In this context, we introduce the concept of Private Tailored Small Language Models (PT-SLMs): compact models trained or fine-tuned for specialized cognitive roles. Rather than relying on a single model to handle all stages of document parsing or comprehension, we segment the task into smaller, interdependent reasoning modules. These are orchestrated via Gödel’s Scaffolded Cognitive Prompting (GSCP), a layered prompting and context management framework that mimics hierarchical human cognition. Together, these form a cascade that is not only performant but also easier to audit, scale, and control.
2. Related Work
The move toward smaller and more focused language models is grounded in several research efforts. Work on adapter modules, LoRA (Low-Rank Adaptation), and parameter-efficient transfer learning techniques have shown that performance can be preserved or even improved when specialization replaces generalization. Moreover, recent interest in multi-agent orchestration has sparked exploration into model composition strategies.
Despite these advances, current implementations typically treat model chaining as an ad hoc sequence rather than a coordinated cognitive system. Existing multi-model pipelines often lack structured context sharing, role reasoning, and error propagation mechanisms. These limitations prevent the full realization of cognitive model architectures in production.

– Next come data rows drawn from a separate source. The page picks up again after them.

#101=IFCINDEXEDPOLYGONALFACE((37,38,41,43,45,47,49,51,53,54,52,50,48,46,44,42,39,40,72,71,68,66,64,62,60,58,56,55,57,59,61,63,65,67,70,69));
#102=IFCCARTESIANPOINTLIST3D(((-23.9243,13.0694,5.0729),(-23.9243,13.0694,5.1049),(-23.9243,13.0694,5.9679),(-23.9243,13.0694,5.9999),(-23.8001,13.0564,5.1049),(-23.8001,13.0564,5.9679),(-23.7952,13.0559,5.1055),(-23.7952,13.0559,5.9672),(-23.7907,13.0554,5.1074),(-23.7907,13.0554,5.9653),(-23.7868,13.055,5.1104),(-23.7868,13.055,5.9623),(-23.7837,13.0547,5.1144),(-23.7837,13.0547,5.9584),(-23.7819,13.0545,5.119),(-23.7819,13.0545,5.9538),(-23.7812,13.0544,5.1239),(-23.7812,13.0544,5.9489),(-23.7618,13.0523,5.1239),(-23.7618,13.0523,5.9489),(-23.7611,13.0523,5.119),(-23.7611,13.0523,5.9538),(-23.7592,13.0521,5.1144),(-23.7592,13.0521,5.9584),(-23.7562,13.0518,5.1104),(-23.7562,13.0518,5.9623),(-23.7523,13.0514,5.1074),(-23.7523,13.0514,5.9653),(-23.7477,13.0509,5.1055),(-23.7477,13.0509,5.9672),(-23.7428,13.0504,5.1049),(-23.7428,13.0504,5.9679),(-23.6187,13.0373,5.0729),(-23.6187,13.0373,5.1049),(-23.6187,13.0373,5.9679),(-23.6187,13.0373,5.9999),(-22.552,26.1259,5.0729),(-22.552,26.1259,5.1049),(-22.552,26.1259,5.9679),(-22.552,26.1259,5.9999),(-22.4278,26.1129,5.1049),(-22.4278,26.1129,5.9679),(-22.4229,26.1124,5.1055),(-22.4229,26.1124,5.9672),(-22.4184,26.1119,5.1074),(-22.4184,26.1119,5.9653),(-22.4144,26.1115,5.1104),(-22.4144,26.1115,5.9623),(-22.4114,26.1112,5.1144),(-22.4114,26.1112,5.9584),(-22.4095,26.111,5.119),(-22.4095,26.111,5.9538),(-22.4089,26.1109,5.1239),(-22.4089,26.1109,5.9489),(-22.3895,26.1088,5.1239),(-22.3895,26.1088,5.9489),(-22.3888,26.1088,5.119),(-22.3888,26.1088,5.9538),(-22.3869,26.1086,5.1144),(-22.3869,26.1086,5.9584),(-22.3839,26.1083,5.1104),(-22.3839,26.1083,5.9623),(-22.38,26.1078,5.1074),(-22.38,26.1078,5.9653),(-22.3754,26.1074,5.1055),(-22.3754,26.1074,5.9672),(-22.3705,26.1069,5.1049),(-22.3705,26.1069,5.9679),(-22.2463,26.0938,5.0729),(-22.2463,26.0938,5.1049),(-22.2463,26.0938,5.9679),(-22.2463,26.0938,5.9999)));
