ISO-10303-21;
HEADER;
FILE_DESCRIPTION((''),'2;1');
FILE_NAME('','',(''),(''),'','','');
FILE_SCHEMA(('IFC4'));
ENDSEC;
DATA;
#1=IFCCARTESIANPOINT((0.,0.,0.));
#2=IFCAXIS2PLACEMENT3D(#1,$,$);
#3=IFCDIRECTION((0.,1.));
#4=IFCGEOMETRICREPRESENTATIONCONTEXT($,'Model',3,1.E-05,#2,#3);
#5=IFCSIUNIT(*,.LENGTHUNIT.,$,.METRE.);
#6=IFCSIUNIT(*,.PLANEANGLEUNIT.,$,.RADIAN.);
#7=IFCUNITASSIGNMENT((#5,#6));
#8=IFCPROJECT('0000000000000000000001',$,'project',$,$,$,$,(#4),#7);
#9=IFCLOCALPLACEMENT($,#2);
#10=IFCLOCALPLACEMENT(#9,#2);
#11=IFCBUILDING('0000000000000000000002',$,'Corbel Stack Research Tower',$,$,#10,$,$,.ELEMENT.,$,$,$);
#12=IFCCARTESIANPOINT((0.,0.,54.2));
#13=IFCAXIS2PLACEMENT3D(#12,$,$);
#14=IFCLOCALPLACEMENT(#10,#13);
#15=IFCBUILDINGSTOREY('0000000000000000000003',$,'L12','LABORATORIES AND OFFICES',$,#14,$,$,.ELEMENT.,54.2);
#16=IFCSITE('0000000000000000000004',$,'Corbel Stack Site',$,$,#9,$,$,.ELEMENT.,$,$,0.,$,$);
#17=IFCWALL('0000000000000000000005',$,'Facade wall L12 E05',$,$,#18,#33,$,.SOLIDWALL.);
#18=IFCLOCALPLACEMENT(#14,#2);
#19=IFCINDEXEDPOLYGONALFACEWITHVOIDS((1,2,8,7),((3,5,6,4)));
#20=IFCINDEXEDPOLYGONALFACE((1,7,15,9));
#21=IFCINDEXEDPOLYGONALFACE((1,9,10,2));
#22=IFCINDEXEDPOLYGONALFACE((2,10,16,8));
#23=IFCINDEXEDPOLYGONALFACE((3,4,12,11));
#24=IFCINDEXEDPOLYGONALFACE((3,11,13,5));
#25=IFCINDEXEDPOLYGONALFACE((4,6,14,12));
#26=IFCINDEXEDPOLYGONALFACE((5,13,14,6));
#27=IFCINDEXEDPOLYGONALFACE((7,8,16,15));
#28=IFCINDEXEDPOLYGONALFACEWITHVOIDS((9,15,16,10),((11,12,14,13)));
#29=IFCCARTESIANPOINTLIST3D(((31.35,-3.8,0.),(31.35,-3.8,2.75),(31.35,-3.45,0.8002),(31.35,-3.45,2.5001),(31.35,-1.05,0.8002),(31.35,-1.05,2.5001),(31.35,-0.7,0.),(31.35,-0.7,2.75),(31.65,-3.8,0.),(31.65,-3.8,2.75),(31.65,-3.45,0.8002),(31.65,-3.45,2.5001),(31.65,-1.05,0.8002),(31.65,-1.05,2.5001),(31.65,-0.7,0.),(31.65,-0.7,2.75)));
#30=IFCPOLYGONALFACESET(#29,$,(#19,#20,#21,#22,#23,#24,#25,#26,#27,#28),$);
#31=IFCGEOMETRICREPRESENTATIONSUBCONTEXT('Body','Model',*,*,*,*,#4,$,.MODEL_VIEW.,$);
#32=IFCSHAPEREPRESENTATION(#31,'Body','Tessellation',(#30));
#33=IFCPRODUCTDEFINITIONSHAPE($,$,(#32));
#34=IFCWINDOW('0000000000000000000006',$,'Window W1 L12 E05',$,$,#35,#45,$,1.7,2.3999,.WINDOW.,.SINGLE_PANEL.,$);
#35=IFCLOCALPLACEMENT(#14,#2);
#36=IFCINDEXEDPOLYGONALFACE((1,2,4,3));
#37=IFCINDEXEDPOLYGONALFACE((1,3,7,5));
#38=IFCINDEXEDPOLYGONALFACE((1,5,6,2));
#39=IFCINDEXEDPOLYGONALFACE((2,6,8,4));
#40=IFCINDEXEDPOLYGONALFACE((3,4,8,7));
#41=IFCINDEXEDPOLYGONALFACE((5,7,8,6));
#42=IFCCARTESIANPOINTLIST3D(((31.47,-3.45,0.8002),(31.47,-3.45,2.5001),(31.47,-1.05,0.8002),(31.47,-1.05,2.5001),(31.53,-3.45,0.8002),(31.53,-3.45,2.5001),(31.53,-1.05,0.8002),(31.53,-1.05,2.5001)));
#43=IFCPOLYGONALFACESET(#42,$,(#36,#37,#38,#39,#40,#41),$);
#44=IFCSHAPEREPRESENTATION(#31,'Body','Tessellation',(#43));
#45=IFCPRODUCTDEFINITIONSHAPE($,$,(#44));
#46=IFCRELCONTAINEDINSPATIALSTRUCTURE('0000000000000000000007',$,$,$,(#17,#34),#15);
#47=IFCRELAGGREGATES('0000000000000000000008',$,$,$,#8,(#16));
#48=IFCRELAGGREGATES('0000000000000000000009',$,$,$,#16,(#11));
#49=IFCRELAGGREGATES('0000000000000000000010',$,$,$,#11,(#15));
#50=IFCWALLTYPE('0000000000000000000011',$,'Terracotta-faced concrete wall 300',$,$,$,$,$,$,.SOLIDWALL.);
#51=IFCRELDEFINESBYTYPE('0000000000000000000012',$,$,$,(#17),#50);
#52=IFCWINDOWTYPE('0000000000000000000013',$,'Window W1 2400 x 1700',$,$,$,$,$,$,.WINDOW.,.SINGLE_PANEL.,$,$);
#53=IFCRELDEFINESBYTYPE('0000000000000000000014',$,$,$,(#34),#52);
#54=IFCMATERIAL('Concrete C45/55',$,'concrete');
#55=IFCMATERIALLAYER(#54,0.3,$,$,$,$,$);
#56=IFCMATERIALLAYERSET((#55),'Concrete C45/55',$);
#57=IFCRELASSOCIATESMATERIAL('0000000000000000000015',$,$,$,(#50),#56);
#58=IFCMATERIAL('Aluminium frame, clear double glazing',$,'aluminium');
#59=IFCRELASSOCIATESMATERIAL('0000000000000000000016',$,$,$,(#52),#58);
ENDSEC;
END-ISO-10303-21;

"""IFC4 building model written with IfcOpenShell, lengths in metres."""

from ifc_helpers import new_model, si_unit, direction, frame, frame_2d, origin, place, context, subcontext, project, spatial, rectangle, extrude, material, layer, layer_set, type_object, element, fill, save


model = new_model("IFC4")

# Units and contexts
model_context = context("Model", 3, precision=1e-05, world=origin(), true_north=direction((0.0, 1.0)))
body_context = subcontext(model_context, "Body", "Model", "MODEL_VIEW")
ifc_project = project(units=[si_unit("LENGTHUNIT", "METRE"), si_unit("PLANEANGLEUNIT", "RADIAN")], contexts=[model_context])

# Site, building, storey
site_placement = place(None, origin())
site = spatial("IfcSite", under=ifc_project, at=site_placement, Name="Corbel Stack Site", CompositionType="ELEMENT", RefElevation=0.0)
building_placement = place(site_placement, origin())
building = spatial("IfcBuilding", under=site, at=building_placement, Name="Corbel Stack Research Tower", CompositionType="ELEMENT")
storey_placement = place(building_placement, frame((0.0, 0.0, 54.2)))
storey = spatial("IfcBuildingStorey", under=building, at=storey_placement, Name="L12", Description="LABORATORIES AND OFFICES", CompositionType="ELEMENT", Elevation=54.2)

# Wall, opening, window
ifc_material_1 = material(Name="Concrete C45/55", Category="concrete")
ifc_layer_1 = layer(ifc_material_1, 0.3)
ifc_layer_set_1 = layer_set([ifc_layer_1], Name="Concrete C45/55")
wall_type_1 = type_object("IfcWallType", Name="Terracotta-faced concrete wall 300", PredefinedType="SOLIDWALL", material=ifc_layer_set_1)
ifc_material_2 = material(Name="Aluminium frame, clear double glazing", Category="aluminium")
window_type = type_object("IfcWindowType", Name="Window W1 2400 x 1700", PartitioningType="SINGLE_PANEL", PredefinedType="WINDOW", material=ifc_material_2)
wall_1_placement = place(storey_placement, frame((31.5, -0.7, 0.0), z_axis=(0.0, 0.0, 1.0), x_axis=(0.0, -1.0, 0.0)))
wall_1 = element("IfcWall", 1, at=wall_1_placement, inside=storey, type_object=wall_type_1, Name="Facade wall L12 E05", PredefinedType="SOLIDWALL", context=body_context, shape_type="SweptSolid", body=[
    extrude(rectangle(XDim=3.1001, YDim=0.3, at=frame_2d((1.55, 0.0))), origin(), (0.0, 0.0, 1.0), 2.75),
])
opening_1_placement = place(wall_1_placement, frame((0.3501, 0.0, 0.8)))
opening_1 = element("IfcOpeningElement", 2, at=opening_1_placement, cuts=wall_1, PredefinedType="OPENING", context=body_context, shape_type="SweptSolid", body=[
    extrude(rectangle(XDim=2.3999, YDim=1.7, at=frame_2d((1.2, 0.8501))), frame((0.0, 0.1599, 0.0), z_axis=(0.0, -1.0, 0.0), x_axis=(1.0, 0.0, 0.0)), (0.0, 0.0, 1.0), 0.3201),
])
window_1_placement = place(opening_1_placement, origin())
window_1 = element("IfcWindow", 3, at=window_1_placement, inside=storey, type_object=window_type, Name="Window W1 L12 E05", OverallHeight=1.7, OverallWidth=2.3999, PartitioningType="SINGLE_PANEL", PredefinedType="WINDOW", context=body_context, shape_type="SweptSolid", body=[
    extrude(rectangle(XDim=2.3999, YDim=1.7, at=frame_2d((1.2, 0.8501))), frame((0.0, 0.03, 0.0), z_axis=(0.0, -1.0, 0.0), x_axis=(1.0, 0.0, 0.0)), (0.0, 0.0, 1.0), 0.0601),
])
fill(opening_1, window_1)

save(model, "model.ifc")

Our work builds on this foundation by introducing a cognitively scaffolded model chain, where each PT-SLM is part of a directed reasoning graph, governed by GSCP policies. This enables deterministic planning, feedback-based control, and seamless integration of domain constraints.
3. Architecture Overview
To address the limitations of traditional pipelines, we propose a three-tier cascade architecture composed of specialized PT-SLMs that communicate via context tokens, embeddings, and memory buffers. Unlike LLM pipelines that rely on a single model interpreting all inputs, our structure enforces task boundaries while preserving semantic continuity.
3.1 Private Tailored Small Language Models (PT-SLM)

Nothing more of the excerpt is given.